What’s Going On With Greg Schiano?

October 14th, 2013

Popular sports radio and television personality Adam Schein, former Oakland Raiders CEO Amy Trask, and NFL insider Jason LaCanfora discuss the hot water Bucs coach Greg Schiano is in over this allegation he leaked Josh Freeman’s medical information in this CBS Sports video.

6 Responses to “What’s Going On With Greg Schiano?”

  1. 1976-77 0-26 looks good now? Says:

    This is all being alleged! I have a inkling that Freeman and his camp may have done this out of spite! Why would Coach do this knowing full and well their is going to be an investigation? Think about it, he is already on the hot seat why would he want the extra attention add on to him! Freeman wanted out of Tampa and knew he had to maybe hurt himself in the process! The perception of Freeman was he was being childish anyways, so in his mind by doing this what was it going to hurt.!He got paid twice in all this process. I might be wrong but it does make the most logical sense! GO BUCS…

  2. Capt. Tim Says:

    “The perception of Freeman”
    Is what people have heard from Schiano- who was trying to Smear Josh.
    Why? A couple reasons. Josh did not want to play in Schianos crappy offense, and asked to be traded. If a young Franchise QB wants to leave, rather than play in a coaches system- a system that is failing/losing, then the coach may go!
    Unless the QB is an “alleged bad person/ drug user.” There are still idiots here, spewing Schianos slurs. Even though it’s obvious now, that Schiano is the problem.
    Schiano is a lil Dictator! He wouldn’t listen to ideas about the offense.he didn’t trade Josh. But he gave Glennon half the snaps with the starting unit, from day one. Mike Williams revealed that in an interview. To give a rookies half the starters snaps- was done just to degrade and aggrevate Josh.
    He told Josh not to attend several team meetings- but didn’t tell the team that. All to try childishly to get josh to quit.

    Three things should be clear now, or will be soon.
    Josh wasn’t the problem
    Glennon isn’t the savior
    Schiano can’t win in The NFL

  3. Tony Says:

    Obviously Schiano is a dumbass.
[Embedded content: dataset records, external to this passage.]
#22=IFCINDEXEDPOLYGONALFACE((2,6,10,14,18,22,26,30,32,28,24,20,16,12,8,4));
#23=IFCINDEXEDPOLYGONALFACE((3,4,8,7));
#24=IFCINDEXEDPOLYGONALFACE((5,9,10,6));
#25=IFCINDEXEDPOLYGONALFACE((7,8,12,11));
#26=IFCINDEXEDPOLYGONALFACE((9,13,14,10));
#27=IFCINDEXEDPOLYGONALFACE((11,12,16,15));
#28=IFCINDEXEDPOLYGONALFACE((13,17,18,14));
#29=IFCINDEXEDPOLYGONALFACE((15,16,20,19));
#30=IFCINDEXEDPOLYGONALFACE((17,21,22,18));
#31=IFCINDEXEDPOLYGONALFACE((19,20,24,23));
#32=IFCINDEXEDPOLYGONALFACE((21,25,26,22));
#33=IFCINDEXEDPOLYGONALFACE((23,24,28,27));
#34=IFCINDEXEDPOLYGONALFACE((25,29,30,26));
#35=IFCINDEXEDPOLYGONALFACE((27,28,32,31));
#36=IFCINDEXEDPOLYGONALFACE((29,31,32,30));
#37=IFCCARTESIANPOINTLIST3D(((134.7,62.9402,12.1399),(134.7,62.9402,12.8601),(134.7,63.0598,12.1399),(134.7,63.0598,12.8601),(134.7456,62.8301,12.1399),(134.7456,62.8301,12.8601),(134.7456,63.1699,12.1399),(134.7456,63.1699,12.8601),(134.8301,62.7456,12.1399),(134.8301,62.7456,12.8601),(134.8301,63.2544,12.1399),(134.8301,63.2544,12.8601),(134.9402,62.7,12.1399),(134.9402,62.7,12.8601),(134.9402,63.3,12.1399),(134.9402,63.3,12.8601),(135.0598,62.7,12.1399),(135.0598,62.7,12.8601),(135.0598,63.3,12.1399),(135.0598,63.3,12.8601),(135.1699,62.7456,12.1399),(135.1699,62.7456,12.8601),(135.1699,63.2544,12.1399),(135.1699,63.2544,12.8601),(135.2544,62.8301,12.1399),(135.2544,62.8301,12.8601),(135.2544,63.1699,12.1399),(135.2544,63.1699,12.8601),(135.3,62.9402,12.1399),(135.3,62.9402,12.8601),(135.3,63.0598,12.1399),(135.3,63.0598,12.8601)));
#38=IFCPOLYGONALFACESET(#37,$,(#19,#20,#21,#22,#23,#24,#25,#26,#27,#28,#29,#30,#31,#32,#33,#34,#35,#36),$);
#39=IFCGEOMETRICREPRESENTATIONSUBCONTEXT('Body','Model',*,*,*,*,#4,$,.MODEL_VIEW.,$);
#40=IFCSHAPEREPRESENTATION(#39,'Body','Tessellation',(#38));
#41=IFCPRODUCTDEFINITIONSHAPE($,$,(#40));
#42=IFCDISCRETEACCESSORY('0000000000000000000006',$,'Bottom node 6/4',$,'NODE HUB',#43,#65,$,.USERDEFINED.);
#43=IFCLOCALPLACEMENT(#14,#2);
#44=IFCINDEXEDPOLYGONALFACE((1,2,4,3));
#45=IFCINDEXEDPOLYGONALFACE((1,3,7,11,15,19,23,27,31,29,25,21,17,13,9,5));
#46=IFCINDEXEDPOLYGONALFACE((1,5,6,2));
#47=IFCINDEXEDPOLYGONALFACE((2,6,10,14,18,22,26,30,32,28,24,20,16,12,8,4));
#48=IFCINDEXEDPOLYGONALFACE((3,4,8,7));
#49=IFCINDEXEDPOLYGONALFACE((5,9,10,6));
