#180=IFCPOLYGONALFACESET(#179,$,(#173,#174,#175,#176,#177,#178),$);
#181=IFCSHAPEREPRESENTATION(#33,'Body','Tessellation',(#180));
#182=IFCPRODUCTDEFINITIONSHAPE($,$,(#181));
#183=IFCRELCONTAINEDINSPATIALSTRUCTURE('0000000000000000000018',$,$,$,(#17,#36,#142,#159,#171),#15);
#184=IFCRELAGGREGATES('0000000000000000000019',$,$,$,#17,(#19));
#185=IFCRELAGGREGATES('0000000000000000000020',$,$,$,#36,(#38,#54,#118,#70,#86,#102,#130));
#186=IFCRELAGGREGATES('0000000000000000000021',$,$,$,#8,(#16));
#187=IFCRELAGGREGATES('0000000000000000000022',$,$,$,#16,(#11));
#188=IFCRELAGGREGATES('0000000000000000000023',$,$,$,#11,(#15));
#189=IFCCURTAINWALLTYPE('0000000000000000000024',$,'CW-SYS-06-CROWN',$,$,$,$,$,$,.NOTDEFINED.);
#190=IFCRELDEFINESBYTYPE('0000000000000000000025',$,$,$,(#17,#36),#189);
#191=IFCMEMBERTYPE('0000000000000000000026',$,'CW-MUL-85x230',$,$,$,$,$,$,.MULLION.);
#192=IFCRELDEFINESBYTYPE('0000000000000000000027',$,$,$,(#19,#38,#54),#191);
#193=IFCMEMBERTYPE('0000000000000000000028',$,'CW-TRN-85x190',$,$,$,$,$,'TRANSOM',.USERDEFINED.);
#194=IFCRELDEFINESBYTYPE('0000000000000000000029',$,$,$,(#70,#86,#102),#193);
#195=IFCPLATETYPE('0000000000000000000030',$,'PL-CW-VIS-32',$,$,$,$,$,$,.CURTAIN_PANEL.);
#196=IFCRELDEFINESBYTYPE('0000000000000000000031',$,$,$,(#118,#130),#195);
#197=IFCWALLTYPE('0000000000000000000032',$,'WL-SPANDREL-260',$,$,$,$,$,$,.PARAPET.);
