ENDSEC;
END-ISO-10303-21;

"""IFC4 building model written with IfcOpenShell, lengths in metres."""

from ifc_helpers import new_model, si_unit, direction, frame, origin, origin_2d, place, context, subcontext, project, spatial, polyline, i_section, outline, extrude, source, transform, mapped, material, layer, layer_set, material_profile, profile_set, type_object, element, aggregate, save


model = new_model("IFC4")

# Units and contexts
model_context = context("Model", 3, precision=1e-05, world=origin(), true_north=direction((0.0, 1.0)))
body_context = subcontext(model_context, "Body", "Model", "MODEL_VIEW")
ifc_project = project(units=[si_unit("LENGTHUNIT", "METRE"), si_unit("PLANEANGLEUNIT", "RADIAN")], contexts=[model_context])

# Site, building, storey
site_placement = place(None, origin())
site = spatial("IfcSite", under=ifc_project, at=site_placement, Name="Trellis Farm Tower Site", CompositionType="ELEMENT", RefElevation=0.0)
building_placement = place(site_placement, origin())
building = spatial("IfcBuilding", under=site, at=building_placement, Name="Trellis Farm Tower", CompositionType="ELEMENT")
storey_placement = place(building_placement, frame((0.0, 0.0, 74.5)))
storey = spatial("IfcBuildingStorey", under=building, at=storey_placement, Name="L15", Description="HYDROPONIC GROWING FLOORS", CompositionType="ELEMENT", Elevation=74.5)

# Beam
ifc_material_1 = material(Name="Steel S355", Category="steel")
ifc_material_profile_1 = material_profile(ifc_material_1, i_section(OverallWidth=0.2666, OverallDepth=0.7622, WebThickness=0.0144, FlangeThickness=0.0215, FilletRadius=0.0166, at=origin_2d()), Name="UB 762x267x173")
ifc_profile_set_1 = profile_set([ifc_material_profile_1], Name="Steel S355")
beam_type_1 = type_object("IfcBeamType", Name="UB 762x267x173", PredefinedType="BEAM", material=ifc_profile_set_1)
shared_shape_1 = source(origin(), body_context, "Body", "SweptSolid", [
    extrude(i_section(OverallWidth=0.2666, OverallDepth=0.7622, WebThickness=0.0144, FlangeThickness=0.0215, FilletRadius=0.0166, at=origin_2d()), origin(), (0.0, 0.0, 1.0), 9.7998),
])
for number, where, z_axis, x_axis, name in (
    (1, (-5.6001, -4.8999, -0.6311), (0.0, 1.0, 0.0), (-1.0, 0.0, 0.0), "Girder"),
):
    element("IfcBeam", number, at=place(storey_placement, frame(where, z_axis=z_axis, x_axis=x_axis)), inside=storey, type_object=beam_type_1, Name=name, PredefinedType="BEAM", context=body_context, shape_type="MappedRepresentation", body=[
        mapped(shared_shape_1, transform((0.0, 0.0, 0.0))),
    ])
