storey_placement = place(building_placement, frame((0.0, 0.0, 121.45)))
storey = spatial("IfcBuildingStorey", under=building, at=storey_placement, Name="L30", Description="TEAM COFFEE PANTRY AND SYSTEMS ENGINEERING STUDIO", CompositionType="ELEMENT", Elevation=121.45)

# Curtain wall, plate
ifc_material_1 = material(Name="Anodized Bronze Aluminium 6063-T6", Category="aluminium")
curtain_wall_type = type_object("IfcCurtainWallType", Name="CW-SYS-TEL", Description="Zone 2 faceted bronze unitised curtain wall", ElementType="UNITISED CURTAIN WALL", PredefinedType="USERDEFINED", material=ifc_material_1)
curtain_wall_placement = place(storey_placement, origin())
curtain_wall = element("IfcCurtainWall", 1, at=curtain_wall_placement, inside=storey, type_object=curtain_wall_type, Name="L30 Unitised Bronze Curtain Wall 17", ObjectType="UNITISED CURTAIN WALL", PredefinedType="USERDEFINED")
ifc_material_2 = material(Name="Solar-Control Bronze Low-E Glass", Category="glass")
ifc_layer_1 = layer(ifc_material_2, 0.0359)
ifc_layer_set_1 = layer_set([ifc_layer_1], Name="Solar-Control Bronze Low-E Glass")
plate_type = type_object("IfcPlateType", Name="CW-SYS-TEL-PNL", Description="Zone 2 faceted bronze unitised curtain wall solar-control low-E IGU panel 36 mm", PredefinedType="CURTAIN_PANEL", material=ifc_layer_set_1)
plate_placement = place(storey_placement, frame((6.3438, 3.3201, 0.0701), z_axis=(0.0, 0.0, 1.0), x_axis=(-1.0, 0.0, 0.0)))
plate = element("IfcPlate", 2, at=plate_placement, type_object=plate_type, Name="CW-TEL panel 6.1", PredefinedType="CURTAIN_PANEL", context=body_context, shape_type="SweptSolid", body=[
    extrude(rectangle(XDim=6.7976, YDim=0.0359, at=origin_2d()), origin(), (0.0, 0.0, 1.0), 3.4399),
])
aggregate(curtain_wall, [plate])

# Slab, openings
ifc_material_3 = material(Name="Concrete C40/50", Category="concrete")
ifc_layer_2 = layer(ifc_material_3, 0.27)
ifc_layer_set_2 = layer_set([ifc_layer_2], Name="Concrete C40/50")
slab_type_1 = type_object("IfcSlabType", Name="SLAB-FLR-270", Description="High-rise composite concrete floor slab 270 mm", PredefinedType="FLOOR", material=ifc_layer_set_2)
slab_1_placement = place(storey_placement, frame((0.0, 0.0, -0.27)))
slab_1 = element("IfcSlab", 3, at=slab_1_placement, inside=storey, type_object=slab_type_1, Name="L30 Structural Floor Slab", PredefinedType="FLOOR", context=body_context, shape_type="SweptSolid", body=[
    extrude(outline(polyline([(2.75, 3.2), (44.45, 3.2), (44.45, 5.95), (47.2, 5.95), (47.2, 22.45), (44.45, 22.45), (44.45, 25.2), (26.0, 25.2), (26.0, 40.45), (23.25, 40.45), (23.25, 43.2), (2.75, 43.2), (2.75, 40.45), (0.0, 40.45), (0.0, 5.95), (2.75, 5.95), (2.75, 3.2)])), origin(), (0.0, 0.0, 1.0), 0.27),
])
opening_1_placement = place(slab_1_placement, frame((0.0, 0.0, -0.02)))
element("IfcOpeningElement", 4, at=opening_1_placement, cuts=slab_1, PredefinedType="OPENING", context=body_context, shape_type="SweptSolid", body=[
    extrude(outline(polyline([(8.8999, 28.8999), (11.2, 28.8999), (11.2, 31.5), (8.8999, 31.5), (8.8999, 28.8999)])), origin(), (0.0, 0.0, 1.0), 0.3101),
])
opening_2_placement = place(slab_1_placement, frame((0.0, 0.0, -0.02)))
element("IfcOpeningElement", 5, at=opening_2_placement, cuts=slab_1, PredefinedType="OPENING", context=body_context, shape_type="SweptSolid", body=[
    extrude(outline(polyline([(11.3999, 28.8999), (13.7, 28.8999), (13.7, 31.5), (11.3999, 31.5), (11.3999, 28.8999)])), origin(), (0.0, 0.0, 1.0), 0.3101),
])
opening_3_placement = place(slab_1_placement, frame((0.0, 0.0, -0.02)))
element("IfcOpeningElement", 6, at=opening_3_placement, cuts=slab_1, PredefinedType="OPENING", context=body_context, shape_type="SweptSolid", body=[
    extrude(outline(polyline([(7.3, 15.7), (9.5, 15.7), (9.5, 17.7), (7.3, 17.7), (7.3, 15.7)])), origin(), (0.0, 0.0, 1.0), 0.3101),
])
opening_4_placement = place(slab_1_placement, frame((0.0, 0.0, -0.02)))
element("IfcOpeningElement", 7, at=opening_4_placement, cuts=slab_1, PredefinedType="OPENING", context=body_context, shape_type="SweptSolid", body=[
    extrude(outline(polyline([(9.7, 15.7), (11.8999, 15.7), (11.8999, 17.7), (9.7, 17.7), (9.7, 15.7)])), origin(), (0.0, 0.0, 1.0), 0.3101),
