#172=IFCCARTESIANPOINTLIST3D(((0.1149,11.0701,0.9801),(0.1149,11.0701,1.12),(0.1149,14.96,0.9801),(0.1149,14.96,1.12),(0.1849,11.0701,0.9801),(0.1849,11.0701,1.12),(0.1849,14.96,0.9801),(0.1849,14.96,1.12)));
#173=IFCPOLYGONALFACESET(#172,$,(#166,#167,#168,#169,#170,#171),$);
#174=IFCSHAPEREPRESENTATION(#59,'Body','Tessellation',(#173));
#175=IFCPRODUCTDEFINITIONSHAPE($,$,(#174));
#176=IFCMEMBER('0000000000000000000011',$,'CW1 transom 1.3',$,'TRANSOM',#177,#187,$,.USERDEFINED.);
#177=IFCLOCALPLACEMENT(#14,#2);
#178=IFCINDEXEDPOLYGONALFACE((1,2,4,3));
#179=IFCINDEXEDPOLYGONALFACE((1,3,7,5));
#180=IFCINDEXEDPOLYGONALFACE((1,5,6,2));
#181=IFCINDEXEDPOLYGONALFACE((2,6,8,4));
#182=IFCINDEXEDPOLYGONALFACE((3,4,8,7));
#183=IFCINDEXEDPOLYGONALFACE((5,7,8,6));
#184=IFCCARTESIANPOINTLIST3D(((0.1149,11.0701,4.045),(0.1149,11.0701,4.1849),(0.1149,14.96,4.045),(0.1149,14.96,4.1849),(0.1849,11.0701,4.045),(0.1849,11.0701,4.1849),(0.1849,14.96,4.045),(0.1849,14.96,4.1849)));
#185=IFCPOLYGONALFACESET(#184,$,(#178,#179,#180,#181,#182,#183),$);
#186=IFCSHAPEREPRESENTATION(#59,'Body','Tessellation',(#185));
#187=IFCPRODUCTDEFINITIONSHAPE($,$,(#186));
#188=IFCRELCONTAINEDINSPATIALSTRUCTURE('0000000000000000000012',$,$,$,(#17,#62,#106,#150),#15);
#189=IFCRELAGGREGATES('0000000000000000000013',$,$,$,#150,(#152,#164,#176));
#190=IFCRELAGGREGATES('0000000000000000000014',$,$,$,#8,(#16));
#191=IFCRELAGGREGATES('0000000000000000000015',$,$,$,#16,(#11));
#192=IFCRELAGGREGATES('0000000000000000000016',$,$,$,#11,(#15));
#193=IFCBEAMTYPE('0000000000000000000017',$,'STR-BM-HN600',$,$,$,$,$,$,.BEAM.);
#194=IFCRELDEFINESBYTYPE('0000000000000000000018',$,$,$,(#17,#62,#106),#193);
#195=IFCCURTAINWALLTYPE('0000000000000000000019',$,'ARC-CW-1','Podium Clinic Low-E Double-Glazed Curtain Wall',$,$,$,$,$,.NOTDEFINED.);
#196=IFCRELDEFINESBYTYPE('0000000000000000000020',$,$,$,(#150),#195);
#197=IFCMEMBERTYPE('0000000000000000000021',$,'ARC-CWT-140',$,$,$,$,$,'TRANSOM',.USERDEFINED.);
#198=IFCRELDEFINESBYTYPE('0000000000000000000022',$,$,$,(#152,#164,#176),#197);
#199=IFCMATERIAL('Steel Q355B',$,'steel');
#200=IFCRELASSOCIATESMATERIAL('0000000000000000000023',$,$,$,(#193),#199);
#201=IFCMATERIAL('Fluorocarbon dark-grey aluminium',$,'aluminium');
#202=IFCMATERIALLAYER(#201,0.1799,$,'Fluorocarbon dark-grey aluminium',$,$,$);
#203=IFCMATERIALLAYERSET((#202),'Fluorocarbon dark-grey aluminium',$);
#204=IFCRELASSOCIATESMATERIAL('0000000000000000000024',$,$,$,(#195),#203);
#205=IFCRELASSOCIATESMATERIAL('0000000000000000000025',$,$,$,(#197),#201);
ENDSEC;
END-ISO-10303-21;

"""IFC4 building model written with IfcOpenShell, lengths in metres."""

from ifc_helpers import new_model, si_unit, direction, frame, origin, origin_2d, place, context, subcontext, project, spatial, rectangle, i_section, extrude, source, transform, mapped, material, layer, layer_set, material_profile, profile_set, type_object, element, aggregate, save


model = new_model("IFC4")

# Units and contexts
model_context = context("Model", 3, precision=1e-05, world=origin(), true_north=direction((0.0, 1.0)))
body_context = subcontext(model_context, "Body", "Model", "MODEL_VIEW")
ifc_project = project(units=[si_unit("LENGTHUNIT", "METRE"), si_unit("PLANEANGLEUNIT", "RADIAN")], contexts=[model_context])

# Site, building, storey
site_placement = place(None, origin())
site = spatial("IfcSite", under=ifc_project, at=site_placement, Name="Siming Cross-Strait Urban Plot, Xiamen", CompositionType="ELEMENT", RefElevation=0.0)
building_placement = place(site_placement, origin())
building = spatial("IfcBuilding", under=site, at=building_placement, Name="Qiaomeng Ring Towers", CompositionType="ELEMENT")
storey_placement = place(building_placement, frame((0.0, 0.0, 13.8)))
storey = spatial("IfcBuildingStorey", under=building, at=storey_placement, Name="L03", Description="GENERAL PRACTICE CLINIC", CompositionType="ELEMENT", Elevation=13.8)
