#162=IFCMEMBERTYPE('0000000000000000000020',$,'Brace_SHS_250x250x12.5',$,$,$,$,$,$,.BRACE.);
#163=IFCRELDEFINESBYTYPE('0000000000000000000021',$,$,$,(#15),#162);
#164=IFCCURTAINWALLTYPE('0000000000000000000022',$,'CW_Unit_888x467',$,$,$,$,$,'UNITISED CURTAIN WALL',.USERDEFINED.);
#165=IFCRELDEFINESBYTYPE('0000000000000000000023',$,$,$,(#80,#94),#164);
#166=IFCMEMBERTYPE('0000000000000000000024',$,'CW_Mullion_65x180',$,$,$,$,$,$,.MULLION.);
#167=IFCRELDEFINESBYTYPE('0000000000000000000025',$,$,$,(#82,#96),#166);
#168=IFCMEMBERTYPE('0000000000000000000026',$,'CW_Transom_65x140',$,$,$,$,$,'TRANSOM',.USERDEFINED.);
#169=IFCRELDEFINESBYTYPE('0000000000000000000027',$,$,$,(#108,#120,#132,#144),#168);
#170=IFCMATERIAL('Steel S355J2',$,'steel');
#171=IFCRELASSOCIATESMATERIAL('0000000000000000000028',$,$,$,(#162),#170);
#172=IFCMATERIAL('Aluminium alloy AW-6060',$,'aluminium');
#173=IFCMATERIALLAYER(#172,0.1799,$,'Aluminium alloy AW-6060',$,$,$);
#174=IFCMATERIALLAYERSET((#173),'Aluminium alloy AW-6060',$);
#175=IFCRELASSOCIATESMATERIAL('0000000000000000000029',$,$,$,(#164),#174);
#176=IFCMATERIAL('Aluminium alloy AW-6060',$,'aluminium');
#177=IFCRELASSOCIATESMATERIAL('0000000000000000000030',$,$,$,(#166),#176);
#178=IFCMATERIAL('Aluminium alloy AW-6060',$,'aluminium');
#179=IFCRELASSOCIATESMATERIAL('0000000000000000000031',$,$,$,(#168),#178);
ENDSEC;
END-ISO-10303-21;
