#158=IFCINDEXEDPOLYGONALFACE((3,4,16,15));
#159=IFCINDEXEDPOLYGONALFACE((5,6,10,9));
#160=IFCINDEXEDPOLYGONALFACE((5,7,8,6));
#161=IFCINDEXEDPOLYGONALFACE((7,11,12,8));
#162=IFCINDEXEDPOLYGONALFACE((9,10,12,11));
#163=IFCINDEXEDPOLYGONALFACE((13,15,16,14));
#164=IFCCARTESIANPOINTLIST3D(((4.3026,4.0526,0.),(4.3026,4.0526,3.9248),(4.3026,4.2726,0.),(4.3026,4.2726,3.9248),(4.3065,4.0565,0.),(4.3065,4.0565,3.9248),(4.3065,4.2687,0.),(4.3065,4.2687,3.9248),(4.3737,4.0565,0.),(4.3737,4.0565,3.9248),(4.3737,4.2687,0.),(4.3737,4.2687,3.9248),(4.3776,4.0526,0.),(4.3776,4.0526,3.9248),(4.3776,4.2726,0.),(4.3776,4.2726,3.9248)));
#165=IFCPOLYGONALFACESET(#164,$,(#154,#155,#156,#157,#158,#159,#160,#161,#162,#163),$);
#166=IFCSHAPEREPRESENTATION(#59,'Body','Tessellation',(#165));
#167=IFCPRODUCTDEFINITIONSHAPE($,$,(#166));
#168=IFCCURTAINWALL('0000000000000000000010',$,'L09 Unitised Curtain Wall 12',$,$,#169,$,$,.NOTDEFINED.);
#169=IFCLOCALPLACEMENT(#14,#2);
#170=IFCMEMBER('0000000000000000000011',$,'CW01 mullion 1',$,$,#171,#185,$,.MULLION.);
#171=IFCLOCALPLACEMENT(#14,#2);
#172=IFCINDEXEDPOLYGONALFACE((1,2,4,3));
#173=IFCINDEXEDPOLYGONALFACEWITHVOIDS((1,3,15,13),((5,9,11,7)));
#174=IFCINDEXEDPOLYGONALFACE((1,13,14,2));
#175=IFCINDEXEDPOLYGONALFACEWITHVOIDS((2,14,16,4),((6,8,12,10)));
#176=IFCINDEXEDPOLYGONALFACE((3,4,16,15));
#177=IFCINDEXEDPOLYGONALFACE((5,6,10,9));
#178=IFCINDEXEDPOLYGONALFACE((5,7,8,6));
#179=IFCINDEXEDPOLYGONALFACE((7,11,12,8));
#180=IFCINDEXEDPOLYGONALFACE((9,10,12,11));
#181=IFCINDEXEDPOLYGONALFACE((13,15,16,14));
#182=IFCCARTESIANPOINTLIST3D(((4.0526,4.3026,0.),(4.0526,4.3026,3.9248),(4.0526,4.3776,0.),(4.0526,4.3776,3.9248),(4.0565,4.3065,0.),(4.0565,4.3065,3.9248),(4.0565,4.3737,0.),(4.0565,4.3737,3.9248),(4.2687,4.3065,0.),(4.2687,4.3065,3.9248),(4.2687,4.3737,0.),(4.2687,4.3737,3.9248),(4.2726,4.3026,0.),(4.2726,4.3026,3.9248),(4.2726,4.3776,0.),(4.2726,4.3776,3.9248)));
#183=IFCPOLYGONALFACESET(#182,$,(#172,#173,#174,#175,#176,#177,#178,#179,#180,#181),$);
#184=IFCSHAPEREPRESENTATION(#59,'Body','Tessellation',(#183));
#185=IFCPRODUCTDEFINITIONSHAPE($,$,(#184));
I loved the comment that he did not hear the fans yesterday. If that is true, well, we now know who has the ADHD properly taking their meds. Glazers must be po’d to have to pay the rest of his contract, unless they find he did give out private information, then we may have a breach. Glazers even more mad that with every week, we are getting closer to the #1 pick that will cost $’s.

    Need a good coach and QB at once it seems.

  4. Just A Juggalo Says:

    I believe the Glazers are drooling over the #1 overall pick. They may be able to deal it for Murray and Clowney.

    Clowney has been snake bit this year when he played the 1st game with a stomach virus, people questioned his conditioning. Then he injured a foot/ankle and while toughing it out, a player stepped on it.

    Opposing teams are obsessed with Clowney not beating them so they gameplan away from him.

    All the while, Spurrier has kept mum, hoping that Jadaveon would play another year.

    I believe that if a deal can’t be done, simply draft Clowney #1 and with the 33rd pick chose Aaron Murray or Johnny Football, who may still be on the board due to partying issues.

    Maybe a QB hungry team (JAX) may want to swap picks to pick 1st overall and will give them a 3rd round pick in exchange.

    Joe may be right, hang on to the Little General and lock in those draft picks. Go Bucs!!

  5. Ian P Says:

    This team is stacked with young talent on both sides of the ball. Has there ever been a coach who has done so LITTLE with so MUCH talent? Ever? It’s mind boggling.

    In fact Mike Glennon actually looked like a veteran on Sunday, so we can’t even blame it on the “rookie quarterback” anymore. Schiano has no excuse.

  6. Morgan Says:

    Seems to me that the NFLPA needs to grill its own union members (players) who may have leaked the information out of the Bucs organization. Certain things are appropriate to talk about in the confines of the meetings at OBP – but when the players talk to their agents, that becomes an NFLPA issue with its own members.